EGU23-11541, updated on 10 Jan 2024
https://doi.org/10.5194/egusphere-egu23-11541
EGU General Assembly 2023
© Author(s) 2024. This work is distributed under
the Creative Commons Attribution 4.0 License.

Ambient noise shear-wave tomography for shallow landslide structural models retrieval from dense 3D seismological arrays.
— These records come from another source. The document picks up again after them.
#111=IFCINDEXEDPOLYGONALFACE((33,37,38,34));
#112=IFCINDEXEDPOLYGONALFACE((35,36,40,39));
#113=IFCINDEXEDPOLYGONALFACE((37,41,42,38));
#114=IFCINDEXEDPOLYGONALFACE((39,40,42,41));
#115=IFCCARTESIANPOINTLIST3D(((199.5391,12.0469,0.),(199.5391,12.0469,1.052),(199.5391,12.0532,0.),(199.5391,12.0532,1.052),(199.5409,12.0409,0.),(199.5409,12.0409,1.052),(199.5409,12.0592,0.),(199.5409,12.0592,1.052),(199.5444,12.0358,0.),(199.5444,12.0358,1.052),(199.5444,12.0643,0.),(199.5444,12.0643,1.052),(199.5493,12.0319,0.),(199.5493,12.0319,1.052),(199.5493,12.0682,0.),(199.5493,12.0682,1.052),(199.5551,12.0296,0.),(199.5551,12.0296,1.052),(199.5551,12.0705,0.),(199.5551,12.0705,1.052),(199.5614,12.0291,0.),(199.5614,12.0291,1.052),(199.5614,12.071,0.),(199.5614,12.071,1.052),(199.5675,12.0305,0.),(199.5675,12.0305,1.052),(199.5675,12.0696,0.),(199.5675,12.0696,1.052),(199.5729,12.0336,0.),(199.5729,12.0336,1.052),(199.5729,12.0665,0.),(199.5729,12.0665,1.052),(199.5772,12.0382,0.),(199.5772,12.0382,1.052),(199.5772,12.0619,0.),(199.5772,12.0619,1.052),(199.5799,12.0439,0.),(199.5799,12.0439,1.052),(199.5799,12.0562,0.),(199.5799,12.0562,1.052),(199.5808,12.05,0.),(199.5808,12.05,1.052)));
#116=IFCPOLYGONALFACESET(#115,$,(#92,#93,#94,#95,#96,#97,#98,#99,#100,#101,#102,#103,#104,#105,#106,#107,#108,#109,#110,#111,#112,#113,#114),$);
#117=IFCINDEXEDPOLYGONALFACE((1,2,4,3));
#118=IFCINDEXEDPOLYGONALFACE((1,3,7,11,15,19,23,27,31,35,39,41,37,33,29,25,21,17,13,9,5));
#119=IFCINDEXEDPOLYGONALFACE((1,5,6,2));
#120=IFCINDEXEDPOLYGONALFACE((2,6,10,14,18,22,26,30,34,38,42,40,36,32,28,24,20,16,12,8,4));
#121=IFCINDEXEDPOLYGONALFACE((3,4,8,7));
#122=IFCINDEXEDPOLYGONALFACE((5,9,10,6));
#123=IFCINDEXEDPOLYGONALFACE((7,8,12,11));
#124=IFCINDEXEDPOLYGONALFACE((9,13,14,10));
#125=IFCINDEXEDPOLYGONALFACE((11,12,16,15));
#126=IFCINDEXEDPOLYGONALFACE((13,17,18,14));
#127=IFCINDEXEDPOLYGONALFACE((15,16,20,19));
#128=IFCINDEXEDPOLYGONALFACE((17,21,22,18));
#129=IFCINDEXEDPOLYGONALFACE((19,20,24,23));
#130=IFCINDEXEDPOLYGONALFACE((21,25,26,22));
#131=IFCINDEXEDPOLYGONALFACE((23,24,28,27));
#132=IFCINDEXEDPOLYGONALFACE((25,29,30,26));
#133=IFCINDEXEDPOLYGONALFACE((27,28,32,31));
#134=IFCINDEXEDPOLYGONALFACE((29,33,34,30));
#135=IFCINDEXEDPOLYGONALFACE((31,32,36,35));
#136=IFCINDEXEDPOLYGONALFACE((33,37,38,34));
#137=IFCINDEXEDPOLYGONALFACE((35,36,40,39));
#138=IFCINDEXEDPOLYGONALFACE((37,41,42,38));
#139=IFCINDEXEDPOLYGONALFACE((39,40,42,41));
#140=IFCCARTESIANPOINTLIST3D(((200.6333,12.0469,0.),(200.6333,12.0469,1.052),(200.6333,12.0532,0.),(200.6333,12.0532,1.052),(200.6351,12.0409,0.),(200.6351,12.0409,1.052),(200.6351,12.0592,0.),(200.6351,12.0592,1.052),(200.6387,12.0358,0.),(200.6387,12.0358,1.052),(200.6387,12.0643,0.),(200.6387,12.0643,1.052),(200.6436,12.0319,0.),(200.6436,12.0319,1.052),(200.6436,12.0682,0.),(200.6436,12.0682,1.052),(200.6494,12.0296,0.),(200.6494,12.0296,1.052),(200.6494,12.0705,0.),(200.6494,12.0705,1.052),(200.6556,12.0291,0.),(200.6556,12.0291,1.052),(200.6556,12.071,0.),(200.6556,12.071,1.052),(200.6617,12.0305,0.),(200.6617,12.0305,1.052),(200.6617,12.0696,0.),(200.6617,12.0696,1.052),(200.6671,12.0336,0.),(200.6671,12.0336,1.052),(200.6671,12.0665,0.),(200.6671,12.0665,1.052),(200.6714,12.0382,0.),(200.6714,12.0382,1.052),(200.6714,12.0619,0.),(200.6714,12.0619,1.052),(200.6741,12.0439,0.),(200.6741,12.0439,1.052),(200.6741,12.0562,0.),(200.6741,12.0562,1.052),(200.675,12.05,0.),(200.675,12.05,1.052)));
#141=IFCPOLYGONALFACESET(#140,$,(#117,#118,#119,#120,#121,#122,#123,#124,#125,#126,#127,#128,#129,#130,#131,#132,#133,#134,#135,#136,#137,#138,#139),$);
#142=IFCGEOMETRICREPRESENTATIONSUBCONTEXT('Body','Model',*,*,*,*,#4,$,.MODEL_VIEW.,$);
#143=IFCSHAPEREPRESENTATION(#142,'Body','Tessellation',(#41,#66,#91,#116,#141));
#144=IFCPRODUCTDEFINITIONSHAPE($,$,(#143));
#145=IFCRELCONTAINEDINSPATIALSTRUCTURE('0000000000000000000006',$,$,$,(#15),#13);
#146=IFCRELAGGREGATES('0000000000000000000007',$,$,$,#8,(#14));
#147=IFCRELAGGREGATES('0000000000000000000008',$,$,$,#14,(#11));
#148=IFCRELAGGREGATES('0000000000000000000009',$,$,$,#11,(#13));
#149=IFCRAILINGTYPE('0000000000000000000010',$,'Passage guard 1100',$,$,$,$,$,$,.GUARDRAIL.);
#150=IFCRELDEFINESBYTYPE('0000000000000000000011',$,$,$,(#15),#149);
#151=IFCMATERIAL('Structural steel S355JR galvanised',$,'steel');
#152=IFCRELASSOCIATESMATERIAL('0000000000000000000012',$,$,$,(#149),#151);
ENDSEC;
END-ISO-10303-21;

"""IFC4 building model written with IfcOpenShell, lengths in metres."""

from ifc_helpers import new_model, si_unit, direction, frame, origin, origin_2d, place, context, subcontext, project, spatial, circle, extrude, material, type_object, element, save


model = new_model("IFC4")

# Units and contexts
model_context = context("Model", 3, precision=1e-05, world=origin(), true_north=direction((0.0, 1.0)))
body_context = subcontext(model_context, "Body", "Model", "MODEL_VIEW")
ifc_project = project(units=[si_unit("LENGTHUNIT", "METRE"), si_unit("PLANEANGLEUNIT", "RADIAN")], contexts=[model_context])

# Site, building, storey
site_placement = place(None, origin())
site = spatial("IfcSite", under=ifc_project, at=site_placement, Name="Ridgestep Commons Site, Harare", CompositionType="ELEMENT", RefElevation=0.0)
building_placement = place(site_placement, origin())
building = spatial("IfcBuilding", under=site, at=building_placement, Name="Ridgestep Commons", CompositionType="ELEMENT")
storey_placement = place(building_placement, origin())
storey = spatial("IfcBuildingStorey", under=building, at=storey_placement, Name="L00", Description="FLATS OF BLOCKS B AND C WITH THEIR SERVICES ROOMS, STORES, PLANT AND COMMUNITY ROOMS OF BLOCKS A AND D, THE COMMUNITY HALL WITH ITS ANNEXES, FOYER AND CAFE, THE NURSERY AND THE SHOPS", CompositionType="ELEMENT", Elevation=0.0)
Myriam Lajaunie1, Joachim Rimpot2, Dimitri Zigone2,3, Céleste Broucke4, Jean-Philippe Malet2,3, Elise Weiskopf2, Clément Hibert2,3, Joshua Ducasse5, and Catherine Bertrand5
Myriam Lajaunie et al.
  • 1Service Hydrographique et Océanographique de la Marine / SHOM, Brest, France (myriam.lajaunie@shom.fr)
  • 2Institut Terre et Environnement de Strasbourg / ITES, CNRS and University of Strasbourg, Strasbourg, France
  • 3École et Observatoire des Sciences de la Terre / EOST, CNRS and University of Strasbourg, Strasbourg, France
  • 4Institut de Physique du Globe de Paris / IPGP, Paris, France
  • 5Laboratoire Chrono-Environnement / LCE, CNRS and University of Franche-Comté, Besançon, France

The versatility, cost-efficiency and easy deployment of seismic sensor nodes facilitate geophysical monitoring in environments that were previously inaccessible for instrumentation, and among them landslides and unstable slopes, most of the time located in remote mountains. Using nodes allows for the setup of dense arrays with sensor inter-trace distances that become compatible with the geometries and dimensions of the geological structures to image. This becomes particularly true for landslides which have complex 3D architectures (hummocky bedrocks, layering, multi-dimensional fractures, diverse geotechnical material, deep and perched aquifers and water circulations) and are shallow processes with respect to the classical investigation depths and sensitivity of most geophysical survey techniques.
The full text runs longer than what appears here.